Watch the heartbreak kid by the Farrelly Brothers. :yes


----------



## hobo10 (Apr 28, 2009)

My coworker met a guy in June and they just got married last month after 5 months. Pretty stupid if you ask me. I'm not saying it can't work...but the chances seem low to me. They haven't even gotten past the honeymoon phase!


----------



## ohgodits2014 (Mar 18, 2011)

What I'll never understand is why some people hide their flaws for the longest time and expect their partner to be okay with those flaws once they're legally married.


----------



## liktheangel (Oct 23, 2010)

What I don't understand is when people who've been together for years get married, then divorced in like a couple weeks/months. It's like wtf happened? Bradley Cooper the actor did that. He'd dated a girl for about two years then they got married and divorced within five months.


----------



## hobo10 (Apr 28, 2009)

liktheangel said:


> What I don't understand is when people who've been together for years get married, then divorced in like a couple weeks/months. It's like wtf happened? Bradley Cooper the actor did that. He'd dated a girl for about two years then they got married and divorced within five months.


I know some people out there probably have the mentality that getting married will save their relationship. I know for a lot of women, they definitely want the WEDDING but do not necessarily feel ready to BE MARRIED. I know of a couple who got married and had a big wedding and got divorced w/in a year.


----------



## lonelyjew (Jan 20, 2010)

Sphere said:


> Well everyone clicks in the romantic sense, it's like saying if you take cocaine you'll get high, People are extremely biased when they first fall for someone and they never know for sure how they really feel until the drugs wear off.
> 
> For that reason i think everyone should wait until after the honeymoon period is over before deciding to get married, have kids or anything like that.

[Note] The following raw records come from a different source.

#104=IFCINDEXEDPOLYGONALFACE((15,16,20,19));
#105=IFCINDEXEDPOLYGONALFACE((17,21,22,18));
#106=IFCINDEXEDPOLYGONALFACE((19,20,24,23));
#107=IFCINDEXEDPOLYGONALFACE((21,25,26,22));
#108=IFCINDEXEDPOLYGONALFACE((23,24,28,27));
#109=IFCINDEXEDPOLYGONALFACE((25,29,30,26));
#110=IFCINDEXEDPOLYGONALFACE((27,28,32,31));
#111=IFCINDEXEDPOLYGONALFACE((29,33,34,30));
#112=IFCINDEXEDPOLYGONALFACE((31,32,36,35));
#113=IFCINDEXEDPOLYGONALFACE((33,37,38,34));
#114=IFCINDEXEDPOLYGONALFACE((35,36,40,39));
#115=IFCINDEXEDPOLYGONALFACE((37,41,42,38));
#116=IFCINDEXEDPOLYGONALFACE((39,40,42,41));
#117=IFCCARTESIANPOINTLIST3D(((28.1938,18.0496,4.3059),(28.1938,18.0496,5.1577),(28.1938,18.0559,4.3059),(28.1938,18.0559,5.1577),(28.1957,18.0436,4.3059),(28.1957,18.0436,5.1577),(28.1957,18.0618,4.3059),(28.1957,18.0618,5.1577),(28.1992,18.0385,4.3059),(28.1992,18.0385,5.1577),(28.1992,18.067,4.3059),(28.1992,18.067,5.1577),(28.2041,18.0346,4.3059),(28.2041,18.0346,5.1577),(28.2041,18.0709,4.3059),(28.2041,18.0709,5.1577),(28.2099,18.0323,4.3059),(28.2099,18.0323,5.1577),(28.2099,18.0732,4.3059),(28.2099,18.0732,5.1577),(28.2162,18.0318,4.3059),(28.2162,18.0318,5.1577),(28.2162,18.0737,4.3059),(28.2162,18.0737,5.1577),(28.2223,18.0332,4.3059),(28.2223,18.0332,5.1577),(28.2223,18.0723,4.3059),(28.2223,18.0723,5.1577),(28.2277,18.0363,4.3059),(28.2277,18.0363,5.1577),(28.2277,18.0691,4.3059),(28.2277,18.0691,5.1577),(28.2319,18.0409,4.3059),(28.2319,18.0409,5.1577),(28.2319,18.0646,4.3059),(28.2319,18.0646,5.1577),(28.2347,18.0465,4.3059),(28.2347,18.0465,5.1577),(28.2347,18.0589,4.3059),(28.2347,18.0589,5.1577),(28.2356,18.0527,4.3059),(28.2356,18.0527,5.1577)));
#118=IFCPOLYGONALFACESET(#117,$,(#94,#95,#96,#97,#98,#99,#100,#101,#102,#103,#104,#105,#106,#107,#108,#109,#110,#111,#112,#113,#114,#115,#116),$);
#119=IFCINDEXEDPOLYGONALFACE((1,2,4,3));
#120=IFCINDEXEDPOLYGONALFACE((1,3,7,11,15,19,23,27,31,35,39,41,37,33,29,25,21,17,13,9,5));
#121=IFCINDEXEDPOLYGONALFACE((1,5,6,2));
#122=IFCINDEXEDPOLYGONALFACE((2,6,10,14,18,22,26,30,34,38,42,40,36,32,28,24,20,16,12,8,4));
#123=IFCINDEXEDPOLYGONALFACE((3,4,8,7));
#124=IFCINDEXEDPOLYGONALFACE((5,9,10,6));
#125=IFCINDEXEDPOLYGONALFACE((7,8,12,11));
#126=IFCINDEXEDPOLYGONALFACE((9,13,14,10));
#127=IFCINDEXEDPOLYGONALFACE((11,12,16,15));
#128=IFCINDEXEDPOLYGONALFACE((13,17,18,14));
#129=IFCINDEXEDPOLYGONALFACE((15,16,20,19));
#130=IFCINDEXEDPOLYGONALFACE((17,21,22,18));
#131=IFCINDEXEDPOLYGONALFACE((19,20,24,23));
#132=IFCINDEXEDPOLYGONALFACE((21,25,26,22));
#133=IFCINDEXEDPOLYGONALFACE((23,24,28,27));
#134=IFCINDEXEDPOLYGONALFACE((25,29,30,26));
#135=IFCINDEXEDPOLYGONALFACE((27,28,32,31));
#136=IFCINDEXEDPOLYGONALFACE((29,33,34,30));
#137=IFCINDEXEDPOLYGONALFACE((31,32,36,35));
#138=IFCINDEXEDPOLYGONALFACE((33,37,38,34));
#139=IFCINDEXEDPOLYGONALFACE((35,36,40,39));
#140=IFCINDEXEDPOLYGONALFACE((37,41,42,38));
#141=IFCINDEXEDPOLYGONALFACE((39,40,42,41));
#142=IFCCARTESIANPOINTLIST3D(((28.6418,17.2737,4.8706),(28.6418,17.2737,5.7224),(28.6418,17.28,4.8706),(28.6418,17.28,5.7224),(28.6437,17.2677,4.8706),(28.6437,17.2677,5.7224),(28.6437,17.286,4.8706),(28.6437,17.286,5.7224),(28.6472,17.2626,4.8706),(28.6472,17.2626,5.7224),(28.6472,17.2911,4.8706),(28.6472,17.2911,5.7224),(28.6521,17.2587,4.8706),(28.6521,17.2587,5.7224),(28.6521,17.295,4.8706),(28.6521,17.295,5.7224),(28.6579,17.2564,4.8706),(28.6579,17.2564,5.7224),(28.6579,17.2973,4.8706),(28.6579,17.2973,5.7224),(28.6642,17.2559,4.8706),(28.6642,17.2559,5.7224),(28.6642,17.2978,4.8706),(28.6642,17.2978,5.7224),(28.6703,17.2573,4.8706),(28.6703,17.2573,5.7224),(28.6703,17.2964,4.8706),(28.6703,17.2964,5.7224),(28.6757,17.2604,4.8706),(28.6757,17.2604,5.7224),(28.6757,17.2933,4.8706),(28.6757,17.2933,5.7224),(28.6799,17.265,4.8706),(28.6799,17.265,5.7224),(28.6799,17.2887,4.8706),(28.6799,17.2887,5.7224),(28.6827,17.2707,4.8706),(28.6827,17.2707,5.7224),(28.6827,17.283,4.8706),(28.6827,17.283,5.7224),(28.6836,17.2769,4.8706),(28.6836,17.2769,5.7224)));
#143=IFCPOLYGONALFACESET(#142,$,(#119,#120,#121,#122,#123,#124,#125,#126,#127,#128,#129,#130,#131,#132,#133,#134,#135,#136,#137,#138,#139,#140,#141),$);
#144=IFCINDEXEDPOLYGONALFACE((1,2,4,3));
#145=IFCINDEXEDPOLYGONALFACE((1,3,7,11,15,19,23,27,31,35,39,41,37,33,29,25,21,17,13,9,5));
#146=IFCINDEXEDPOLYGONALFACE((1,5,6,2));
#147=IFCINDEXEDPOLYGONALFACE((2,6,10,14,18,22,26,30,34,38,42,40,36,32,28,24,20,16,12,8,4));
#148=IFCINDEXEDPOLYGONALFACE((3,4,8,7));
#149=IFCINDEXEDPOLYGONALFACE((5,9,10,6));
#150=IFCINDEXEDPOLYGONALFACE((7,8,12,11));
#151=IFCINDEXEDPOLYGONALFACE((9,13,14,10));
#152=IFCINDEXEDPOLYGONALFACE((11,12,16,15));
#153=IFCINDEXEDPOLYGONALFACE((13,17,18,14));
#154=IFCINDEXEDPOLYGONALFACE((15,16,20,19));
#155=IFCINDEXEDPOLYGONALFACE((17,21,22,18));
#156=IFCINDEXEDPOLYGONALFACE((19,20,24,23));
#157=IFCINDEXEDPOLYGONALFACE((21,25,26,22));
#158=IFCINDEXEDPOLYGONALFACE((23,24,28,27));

This is true, but it isn't the case with everyone. I think the largest problem is people often get so caught up in the high that even if their personalities are compatible with each other, they may forget to ask, or not take seriously, the long term desires of their partners. I wonder how many couples have one partner who does not want to have kids, and another who does, both assuming that they'll get what they want. No matter how strong love is, these sorts of things can tear relationships apart.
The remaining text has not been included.